# GOAT_Genetic_Output_Analysis_Tool
GOAT is an open source web based visualization tool that is connected directly to the researchers database (providing that he respects the database schema) and has a user friendly interface that will enable them to:
- Explore the information in their database at leisure freely;
- Store all GWAS results in a precise format avoiding preformatting prior to visualization;
- Filter, sort and select for the most relevant information before displaying a table of results that can be shared or visualized in a timely matter;
- Use interactive visualization tools for rapid identification of items of interests offering features like zooming, selection, 3D view, mouse over with identification labels.
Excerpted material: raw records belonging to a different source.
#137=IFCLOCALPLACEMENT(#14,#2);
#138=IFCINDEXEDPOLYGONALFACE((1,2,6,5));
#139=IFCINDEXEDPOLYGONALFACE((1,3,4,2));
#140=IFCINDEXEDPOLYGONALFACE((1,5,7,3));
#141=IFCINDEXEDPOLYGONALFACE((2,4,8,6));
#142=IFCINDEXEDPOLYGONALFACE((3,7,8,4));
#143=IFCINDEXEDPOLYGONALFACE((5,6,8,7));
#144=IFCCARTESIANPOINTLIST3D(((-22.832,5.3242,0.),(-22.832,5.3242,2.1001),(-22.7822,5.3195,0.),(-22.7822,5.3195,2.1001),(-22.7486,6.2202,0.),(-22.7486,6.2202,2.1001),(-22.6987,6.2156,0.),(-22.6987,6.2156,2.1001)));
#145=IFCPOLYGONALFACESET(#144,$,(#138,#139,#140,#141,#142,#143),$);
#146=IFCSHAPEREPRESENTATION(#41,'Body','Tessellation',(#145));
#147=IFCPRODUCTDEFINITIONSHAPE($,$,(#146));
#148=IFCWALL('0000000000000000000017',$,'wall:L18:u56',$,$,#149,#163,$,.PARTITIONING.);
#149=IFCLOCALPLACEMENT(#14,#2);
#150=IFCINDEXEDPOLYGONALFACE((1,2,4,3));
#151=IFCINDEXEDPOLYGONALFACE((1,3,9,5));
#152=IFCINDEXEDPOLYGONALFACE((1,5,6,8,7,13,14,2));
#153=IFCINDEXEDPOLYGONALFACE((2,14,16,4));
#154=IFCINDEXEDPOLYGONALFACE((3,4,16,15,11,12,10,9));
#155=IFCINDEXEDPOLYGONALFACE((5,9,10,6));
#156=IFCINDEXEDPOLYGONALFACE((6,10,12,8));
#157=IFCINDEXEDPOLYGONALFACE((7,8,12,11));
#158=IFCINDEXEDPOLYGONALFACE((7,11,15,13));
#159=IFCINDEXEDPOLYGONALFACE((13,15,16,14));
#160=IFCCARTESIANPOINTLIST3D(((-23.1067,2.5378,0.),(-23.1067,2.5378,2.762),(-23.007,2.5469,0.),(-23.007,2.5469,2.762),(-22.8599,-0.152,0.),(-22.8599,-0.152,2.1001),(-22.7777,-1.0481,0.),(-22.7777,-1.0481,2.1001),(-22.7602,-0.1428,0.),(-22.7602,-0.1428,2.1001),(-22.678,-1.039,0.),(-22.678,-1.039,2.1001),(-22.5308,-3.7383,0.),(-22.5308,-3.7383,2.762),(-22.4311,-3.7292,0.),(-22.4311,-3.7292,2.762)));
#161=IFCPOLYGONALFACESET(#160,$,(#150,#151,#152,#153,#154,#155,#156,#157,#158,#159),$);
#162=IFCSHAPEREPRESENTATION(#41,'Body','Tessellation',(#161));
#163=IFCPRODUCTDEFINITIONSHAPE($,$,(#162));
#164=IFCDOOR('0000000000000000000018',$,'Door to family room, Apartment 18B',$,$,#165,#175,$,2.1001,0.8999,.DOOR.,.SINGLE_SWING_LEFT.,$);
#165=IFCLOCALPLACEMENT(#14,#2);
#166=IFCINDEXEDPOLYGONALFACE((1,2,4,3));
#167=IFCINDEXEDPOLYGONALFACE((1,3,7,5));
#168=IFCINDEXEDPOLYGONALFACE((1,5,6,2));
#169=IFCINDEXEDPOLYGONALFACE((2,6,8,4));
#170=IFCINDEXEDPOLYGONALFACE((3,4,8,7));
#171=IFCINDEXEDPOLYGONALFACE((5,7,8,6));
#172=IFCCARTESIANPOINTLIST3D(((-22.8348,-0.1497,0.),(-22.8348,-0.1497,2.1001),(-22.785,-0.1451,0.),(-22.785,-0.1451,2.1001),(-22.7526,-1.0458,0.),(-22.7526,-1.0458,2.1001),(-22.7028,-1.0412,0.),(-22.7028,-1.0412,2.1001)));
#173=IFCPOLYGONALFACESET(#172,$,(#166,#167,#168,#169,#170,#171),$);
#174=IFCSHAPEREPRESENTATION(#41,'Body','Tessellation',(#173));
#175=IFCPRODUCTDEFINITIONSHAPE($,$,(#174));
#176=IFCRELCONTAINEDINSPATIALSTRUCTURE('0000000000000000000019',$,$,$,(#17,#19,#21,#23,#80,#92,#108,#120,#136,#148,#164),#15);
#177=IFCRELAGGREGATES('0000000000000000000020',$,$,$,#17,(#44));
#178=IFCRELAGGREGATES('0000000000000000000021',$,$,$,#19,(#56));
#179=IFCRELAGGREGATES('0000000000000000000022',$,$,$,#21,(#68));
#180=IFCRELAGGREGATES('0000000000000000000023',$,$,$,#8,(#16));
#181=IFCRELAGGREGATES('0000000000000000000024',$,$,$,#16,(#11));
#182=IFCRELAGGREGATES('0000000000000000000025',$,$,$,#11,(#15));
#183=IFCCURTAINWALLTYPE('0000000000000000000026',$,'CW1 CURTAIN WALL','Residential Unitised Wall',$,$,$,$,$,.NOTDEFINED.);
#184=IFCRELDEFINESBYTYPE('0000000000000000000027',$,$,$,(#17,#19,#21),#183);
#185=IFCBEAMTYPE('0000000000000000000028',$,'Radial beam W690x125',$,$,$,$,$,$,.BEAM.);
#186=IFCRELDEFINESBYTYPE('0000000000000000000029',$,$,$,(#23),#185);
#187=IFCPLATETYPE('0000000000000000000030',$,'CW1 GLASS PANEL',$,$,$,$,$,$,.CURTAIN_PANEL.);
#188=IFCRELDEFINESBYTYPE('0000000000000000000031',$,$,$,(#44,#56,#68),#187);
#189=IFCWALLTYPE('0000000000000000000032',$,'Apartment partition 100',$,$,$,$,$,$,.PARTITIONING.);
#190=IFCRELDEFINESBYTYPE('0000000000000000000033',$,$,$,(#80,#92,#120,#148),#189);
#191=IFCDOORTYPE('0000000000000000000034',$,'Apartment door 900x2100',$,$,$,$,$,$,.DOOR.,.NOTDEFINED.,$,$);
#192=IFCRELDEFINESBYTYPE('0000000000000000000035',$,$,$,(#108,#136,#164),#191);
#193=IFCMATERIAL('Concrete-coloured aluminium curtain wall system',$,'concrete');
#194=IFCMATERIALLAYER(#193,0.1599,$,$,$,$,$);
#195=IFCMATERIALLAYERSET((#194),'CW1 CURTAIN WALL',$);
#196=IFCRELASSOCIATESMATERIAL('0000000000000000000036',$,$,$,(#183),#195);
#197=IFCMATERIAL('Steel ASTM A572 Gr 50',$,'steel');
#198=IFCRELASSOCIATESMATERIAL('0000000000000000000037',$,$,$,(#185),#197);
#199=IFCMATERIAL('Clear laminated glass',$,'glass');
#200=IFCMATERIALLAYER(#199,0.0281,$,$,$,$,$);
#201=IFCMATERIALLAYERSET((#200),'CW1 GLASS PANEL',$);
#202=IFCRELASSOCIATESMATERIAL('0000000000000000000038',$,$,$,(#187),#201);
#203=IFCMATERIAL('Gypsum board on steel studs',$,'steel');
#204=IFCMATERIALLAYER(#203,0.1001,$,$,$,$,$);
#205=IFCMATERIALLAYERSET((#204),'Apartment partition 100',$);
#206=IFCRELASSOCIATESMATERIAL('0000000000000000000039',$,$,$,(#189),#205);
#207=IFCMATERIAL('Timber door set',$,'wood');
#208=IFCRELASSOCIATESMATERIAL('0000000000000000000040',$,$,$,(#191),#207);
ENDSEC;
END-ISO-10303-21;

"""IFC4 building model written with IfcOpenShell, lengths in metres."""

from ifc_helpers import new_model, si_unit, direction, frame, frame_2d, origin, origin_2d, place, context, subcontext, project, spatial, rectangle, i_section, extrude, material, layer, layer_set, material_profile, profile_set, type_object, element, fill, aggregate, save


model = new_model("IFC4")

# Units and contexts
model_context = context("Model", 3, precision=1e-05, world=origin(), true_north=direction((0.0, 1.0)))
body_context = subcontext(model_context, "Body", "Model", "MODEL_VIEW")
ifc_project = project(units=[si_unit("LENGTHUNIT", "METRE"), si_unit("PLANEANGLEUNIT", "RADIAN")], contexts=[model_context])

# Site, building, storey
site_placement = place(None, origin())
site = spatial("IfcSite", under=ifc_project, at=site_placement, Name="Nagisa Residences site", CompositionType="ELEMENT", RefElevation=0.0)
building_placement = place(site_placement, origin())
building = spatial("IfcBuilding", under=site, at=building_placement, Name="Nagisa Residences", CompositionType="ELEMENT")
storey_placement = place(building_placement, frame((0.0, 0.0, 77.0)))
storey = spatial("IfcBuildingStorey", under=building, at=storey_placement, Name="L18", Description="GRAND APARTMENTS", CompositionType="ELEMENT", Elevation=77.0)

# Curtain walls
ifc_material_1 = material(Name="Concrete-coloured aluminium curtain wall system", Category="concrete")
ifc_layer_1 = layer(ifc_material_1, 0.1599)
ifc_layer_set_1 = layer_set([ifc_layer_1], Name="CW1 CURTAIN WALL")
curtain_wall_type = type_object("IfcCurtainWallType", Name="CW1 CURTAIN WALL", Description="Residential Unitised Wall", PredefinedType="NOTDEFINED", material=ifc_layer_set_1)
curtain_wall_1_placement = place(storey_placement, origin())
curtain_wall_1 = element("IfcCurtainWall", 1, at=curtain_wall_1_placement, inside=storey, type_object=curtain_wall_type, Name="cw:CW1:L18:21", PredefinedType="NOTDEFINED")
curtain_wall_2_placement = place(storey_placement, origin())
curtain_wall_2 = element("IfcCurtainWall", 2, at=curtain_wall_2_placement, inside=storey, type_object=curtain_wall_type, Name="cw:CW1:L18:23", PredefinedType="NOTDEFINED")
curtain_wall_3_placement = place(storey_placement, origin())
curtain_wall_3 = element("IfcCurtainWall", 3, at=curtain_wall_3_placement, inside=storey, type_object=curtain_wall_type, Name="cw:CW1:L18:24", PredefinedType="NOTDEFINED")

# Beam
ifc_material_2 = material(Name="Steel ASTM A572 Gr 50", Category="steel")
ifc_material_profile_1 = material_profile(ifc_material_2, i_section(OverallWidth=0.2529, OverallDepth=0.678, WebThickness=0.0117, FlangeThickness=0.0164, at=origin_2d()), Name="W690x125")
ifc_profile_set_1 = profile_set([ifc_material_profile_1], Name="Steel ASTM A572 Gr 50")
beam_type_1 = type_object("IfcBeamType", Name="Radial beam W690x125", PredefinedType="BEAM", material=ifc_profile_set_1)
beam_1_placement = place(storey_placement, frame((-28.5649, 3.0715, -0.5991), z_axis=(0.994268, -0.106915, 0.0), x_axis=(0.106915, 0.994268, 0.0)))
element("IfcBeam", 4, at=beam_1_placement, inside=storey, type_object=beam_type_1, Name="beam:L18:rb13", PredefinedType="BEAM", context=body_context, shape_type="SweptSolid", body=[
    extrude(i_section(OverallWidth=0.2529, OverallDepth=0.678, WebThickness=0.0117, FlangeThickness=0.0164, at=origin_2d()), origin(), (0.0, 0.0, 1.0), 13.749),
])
Resulting graphs are produced in a publication ready format for scientific publications or presentations;
- Produce graphs similar to LocusZoom and IGV but with improved features and performance creating a whole new visualization experience;
- Access relevant external databases through dynamic links to gather information on SNPs and genes such as GeneCards, dbSNP and the GWAS Catalog.
Installation********
What you'll need:
- Apache server
- MySQL database (Schema is provided, you can visualize it through SQL designer)
- Python 2.7.11 or higher
- Django 1.9 or higher
- Anaconda for Biopython
- Upload annotation information from Ensembl in the marqueurs table of the database: -http://useast.ensembl.org/biomart/martview/1b6c5a4447a4d09c26e2082dd71c86a6
Run MySQL and apache server,
In the GOAT/settings.py there is this import: import secrets.databases as databases and you have 2 possibilities to set up your database:
1-You have to create a folder called secrets containing a script that holds all the connection parameters to your database (host, port, user, dbname...).
2- you delete the import secrets statement and at database in the settings.py file add:
DATABASES = {
default': {
'ENGINE': 'django.db.backends.mysql',
'NAME': 'xe',
'USER': 'a_user',
'PASSWORD': 'a_password',
'HOST': 'dbprod01ned.mycompany.com',
'PORT': '1540',
}
Then run these commands in this order:
1- python manage.py makemigrations
2- python manage.py migrate
3- python manage.py runserver (if local or) python manage.py runserver 0.0.0.0 if you already have an address for your server
Datasets can't be provided because of intelletual property, but if you have Genome wide study datasets, they can fit in this database.